そして、誰もが納得する診断の基準が20数年ぶりに見直されたのです。過去の基準は、数ヶ月以上だって見た目にわかるような状態にならないと、確定ができませんでした。それでは、治療を開始するタイミングが遅れてしまいます。

より早期でも確定診断を可能とし、リウマチと考えられる状態を見過ごすことがないようにすることが目的として大幅な見直しがされました。もちろん、十分とは言えないかもしれませんが、以前の基準よりも、より実効性のあるものに変わったのです。

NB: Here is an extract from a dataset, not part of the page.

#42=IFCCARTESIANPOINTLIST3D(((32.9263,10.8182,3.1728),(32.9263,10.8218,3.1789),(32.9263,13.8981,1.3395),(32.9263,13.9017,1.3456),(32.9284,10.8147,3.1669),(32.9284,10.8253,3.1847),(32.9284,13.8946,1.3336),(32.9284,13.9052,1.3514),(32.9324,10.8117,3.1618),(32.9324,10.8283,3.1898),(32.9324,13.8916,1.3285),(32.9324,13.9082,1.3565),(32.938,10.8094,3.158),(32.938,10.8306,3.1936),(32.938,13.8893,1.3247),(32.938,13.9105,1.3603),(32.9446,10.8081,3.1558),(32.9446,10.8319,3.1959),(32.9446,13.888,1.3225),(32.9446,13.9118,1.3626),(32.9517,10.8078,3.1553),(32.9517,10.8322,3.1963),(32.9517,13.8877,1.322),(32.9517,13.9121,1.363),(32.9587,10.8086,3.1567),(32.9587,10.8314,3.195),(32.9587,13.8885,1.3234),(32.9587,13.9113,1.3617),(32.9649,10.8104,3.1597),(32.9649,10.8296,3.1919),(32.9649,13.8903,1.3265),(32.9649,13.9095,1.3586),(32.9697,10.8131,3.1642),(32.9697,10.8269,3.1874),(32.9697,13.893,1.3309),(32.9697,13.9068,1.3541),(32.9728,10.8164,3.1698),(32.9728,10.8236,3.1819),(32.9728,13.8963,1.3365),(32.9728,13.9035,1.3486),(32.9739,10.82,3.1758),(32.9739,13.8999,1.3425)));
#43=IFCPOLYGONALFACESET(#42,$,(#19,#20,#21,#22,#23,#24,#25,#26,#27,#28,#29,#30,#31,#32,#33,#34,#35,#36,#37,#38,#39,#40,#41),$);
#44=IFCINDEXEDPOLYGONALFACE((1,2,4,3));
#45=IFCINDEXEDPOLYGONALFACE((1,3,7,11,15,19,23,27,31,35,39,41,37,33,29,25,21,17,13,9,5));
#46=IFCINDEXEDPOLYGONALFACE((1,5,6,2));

2013年は、この10数年の激流からすると、比較的穏やかな年だったのかもしれません。主な新しい話題は、化学構造的により進化した従来型の新しい生物学的製剤が発売されたことと、そして新しい薬理作用に基づく内服型の生物学的製剤が登場したことの2点でしょうか。

特に注目されるのは内服薬型の製剤です。今後、実臨床での効果や問題点がはっきりしてくると、次のリウマチ治療のスタンダードになるポテンシャルを秘めている可能性があります。

さて、その次にくるものは? 2020年までに普及するのは、遺伝子治療の導入ではないかと考えています。ただし、遺伝子そのものを交換するような大胆なことは、倫理的なことも含めて、まだまだ時間がかかることだろうと思います。

実際に、現段階で可能なことは、個人の遺伝子型から最も効果的な - つまり、主作用がしっかり出るか、あるいは副作用が出にくい薬剤を正確に選択することができるようになるということです。現状では、特定の薬剤については研究レベルでの実証が行われています。

そして、同時に期待するのが軟骨の再生技術の確立です。iPS細胞を使った臨床応用の中で可能になってくるかもしれませんが、軟骨を再生することができれば、今ではどうにもできなかった変形した関節を元の状態に戻すことが可能になってくるかもしれません。


その次にくるのが、遺伝子レベルでの直接的な治療でしょう。これができるようになれば、リウマチに限らず、多くの病気を発症を予測して予防的に修正することができるようになるのでしょう。その頃には、生物学製剤も過去の遺物のひとつとして、リウマチ学の歴史になっているんでしょうけどね。